Этот персонаж, как и галерея других женских образов, восходит (разумеется, опосредованно) к архетипу, сложившемуся еще в недрах материнского рода. Несмотря на то, что женский персонаж по сравнению с мужским более архаичен, оба этих образа в поздней традиции сосуществуют при заметном превалировании «хозяина» бани. Последний зачастую настолько похож на самого обычного человека, что не возникает особой необходимости в описании его внешности: «Да меня, — говорит, — туда (в каменку. — Н. К.) какой-то дядька затянул»[99]. Иногда лишь отмечается, что баенник — старик[100] и что «ростом он мал»[101]. Таков же он и в сибирских мифологических рассказах: «<…> а под лавкой (в бане. — Н. К.) сидит маленький старичок! Голова большая, борода зеленая! И смотрит»[102]. Невольно возникает ассоциация с веником, в который, как уже говорилось, может перевоплощаться баенник. В некоторых быличках и бывальщинах мифического «хозяина» принимают за родственника либо знакомого, убеждаясь в ошибке лишь по возвращении из бани в избу: «Приехал в деревню торгош. Просится ночевать. И была у хозяев байня топлена, и в той байне чудилось. Торгош пошел с мужиками: вымылись, выпарились, дома чай сели пить, а потом и спать легли. После мужиков пошли две невестки и девка, а старуха та дома осталась с мужиками. Приходят в баню, разделись в предбаннике, входят в самую баню, а там на полку кто-то лежит и ноги раскорячил. Видят, торгаш. „Ах ты, бессовестной, озорной!“ — говорят бабы. И домой. Пришли, на торгоша жалуются: тот спит себе и с избы не выходил. А показался-то под видом торгоша баенной»[103].
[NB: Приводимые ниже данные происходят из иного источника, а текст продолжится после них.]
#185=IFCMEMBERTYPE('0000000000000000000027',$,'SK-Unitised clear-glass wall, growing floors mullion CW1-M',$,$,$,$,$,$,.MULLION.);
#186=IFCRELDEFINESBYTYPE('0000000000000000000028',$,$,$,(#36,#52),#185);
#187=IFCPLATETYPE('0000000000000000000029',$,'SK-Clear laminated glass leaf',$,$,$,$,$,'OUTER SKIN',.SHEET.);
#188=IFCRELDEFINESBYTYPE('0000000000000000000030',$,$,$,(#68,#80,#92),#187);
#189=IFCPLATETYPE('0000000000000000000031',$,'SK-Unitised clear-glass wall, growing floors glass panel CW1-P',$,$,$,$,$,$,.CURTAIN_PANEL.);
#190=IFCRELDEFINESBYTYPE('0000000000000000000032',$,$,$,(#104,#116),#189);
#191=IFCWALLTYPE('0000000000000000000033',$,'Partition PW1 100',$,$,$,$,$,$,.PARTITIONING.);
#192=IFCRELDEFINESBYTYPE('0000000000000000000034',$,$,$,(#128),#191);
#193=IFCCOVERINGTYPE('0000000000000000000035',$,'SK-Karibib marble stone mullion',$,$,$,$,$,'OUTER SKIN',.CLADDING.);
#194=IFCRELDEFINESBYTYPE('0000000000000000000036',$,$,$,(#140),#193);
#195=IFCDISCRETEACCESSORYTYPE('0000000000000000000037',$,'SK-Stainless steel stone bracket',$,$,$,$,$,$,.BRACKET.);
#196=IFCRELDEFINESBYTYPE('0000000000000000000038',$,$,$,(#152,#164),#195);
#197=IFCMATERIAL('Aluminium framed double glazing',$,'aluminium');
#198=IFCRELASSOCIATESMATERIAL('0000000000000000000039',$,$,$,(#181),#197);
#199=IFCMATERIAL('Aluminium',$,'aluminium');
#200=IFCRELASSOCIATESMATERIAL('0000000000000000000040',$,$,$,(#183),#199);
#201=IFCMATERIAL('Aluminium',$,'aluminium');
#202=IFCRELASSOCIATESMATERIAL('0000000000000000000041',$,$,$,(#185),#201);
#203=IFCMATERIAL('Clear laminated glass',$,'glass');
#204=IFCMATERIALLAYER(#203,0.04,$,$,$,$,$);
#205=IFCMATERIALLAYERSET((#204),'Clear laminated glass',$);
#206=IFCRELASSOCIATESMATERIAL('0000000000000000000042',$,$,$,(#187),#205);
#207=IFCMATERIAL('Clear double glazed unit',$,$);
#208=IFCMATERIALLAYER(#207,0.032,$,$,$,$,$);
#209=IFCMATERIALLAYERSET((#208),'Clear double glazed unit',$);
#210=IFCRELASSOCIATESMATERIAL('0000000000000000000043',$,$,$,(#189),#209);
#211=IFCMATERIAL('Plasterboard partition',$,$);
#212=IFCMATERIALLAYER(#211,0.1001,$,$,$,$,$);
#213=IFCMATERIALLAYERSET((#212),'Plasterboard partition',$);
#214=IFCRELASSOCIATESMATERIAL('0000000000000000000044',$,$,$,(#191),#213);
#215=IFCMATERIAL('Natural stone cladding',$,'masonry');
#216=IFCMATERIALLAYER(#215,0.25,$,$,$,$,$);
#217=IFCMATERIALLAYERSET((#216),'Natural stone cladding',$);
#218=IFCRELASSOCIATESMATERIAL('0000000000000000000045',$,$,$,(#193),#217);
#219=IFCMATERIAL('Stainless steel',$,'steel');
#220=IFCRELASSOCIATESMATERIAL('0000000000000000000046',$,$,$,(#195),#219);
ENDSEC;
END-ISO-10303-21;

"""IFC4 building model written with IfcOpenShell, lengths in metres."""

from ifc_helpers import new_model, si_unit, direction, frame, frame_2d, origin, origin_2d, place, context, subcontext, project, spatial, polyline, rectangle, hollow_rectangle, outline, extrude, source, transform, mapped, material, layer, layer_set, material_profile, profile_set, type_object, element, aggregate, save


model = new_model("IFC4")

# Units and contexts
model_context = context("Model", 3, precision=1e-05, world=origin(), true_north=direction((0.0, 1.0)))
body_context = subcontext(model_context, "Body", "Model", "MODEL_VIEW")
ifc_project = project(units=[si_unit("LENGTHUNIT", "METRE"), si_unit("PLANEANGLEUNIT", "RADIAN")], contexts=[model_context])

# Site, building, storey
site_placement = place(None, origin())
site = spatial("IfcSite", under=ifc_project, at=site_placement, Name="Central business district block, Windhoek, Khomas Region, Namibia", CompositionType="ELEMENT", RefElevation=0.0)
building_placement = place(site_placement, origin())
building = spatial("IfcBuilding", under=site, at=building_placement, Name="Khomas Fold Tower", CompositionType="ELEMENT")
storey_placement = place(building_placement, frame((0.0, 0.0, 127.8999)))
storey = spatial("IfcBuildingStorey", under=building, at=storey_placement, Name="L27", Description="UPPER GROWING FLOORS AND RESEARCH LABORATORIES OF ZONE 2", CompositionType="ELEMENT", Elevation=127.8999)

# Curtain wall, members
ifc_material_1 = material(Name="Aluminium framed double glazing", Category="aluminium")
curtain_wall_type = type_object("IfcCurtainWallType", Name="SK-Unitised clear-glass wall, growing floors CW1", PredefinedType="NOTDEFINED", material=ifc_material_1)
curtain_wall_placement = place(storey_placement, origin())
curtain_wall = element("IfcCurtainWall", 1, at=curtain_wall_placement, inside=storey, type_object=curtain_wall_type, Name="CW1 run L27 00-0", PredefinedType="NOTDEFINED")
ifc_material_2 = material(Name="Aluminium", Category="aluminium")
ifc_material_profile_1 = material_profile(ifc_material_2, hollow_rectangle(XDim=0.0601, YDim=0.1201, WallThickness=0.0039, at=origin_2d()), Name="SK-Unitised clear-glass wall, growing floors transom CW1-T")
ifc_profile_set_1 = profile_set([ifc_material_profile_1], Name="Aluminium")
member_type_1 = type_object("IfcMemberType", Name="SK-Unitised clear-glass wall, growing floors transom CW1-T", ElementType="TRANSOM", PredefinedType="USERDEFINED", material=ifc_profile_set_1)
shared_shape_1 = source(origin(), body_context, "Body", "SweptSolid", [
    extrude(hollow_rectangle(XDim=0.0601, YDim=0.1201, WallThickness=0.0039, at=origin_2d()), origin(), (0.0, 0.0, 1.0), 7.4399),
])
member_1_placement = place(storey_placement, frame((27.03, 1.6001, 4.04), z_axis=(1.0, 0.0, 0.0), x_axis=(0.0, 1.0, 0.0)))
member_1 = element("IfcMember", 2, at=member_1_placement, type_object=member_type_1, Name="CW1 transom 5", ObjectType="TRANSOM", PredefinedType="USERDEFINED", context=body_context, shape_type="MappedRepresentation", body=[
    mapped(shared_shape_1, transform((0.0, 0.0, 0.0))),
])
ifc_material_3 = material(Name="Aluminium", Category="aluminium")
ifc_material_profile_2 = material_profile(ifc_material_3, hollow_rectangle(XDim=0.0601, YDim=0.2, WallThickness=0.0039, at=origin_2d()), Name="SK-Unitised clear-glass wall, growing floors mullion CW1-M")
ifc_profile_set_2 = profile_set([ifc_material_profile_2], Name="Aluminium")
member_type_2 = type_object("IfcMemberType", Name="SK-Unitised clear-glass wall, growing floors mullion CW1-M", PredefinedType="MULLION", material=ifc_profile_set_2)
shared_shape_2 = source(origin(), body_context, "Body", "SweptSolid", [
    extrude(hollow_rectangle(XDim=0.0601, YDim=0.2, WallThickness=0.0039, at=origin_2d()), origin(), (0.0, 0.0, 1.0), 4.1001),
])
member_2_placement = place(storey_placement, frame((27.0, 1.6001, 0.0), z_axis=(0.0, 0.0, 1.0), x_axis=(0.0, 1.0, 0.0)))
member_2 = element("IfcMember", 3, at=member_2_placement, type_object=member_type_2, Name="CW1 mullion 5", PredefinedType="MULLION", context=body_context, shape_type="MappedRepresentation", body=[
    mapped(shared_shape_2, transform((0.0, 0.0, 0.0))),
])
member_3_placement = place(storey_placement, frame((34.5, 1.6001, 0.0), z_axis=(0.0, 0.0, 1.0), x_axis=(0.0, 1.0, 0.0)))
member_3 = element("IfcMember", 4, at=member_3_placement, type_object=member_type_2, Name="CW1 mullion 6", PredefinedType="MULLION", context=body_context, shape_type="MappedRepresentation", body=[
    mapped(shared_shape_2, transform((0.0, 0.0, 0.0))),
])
В некоторых локальных традициях образ баенника «разветвляется» на целый ряд персонажей: например, изображается банное семейство, адекватное человеческому, но пребывающее в ином, ноуменальном мире: «И пошли вдвоем мать с ребятишками, ли че ли. Налила, говорит, воды, начинает мыть. А под полком — полок кверху поднимается — ребенок ревет: „Увяк, увяк…“ А тут кто-то и говорит: „Ну, погоди, я тебя счас помою“»[104]. Или: «„А вы обе невестки тут? А тут кто-то у вас моется!“ Но, побегут туды, в баню, — ребенок ревет в этой бане. А человечьего голосу нет, а ребенок ревет по-человечьи. Как стукнут — никого нет, токо зашипит. Вот они бились-бились, как вечером баня — то и есть, как вечером баня — то и есть! Потом им пришлось эту баню убрать оттудава. Когда убрали — больше этого маячить не стало. Потом вот эта чуда-то и вышла: на берегу женщина»[105].
В изображении облика баенника наблюдается тенденция к антропоморфизации, что характерно не только для мифологической, но и для ранней исторической прозы.
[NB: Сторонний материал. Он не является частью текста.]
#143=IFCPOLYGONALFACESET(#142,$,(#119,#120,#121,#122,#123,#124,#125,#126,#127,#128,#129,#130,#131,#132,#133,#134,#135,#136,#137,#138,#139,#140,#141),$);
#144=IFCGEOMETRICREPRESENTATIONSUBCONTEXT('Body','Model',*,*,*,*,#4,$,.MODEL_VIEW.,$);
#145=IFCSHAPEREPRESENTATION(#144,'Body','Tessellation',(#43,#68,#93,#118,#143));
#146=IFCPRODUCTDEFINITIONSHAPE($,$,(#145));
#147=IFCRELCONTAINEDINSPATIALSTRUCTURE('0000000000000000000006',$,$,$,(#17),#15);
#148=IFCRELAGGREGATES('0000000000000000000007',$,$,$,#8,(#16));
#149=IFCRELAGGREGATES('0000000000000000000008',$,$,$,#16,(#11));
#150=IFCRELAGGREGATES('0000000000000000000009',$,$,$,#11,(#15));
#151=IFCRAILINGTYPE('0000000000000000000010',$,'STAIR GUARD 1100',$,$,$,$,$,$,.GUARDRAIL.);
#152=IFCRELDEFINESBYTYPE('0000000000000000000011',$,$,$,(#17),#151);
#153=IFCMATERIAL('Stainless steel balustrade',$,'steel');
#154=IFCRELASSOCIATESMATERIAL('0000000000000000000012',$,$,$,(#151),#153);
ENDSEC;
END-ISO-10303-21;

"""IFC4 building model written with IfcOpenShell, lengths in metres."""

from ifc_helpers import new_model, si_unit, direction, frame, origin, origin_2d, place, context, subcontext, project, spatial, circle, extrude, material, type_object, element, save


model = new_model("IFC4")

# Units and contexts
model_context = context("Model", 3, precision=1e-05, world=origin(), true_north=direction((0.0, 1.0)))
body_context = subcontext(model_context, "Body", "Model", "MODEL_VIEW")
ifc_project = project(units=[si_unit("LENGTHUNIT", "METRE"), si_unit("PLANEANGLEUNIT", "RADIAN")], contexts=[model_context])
Персонаж в пространственно-временном измерении
Локусы «хозяина»Представления о локусах баенника, нашедшие отражение в фольклорной традиции, неоднозначны. Отчасти это объясняется полисемантизмом самого образа, отчасти эквивалентностью семантики локусов, фигурирующих в мифологических рассказах и поверьях.
В качестве жилища-вместилища баенника представлена чаще всего каменка. Сведения об этом можно обнаружить в различных источниках: «Жилище его собственно печка — каменка в бане»[106]. Данный персонаж «поселяется во всякой бане за каменкой»[107].
Его голос доносится из-под каменки[108]. Из-за нее же раздаются ужасное храпенье, вой, хохот и свист, которыми баенник пугает женщин[109]. Именно на каменке он сушит свою шапку-невидимку[110]. В нее загоняют банную змею (баенника)[111]. В то же время в каменку засовывает «хозяин» пришедшего «на третий или четвертый пар» в баню[112].
Вместе с тем, спасая преследуемую нечистой силой девушку, обдериха ее «камышком прикрыла, паром запарила»[113]. Иногда камень («камишок с камници»[114]) ассоциируется с самим баенником либо является его атрибутом. Похваставшегося тем, что принесет в полночь камень из каменки («В каменьци камешок возьму»[115]), неизбежно ждет испытание (сюжет «Невеста из бани») либо жестокое наказание. Моющегося после двенадцати часов «хозяин» убивает камнем[116] либо запускает в пришедшего сюда поздним вечером камнями (они летят со стороны каменки): «Пришла, говорит, в байну, дак так вот каменьем кидат»[117]. Возможно, что именно представлениями об антропоморфизированном баеннике и его связи с каменкой и камнями вызвана к жизни загадка: «Старичок неказистый, кошель с камнями на спине, по сто ушатов воды выпивает»[118].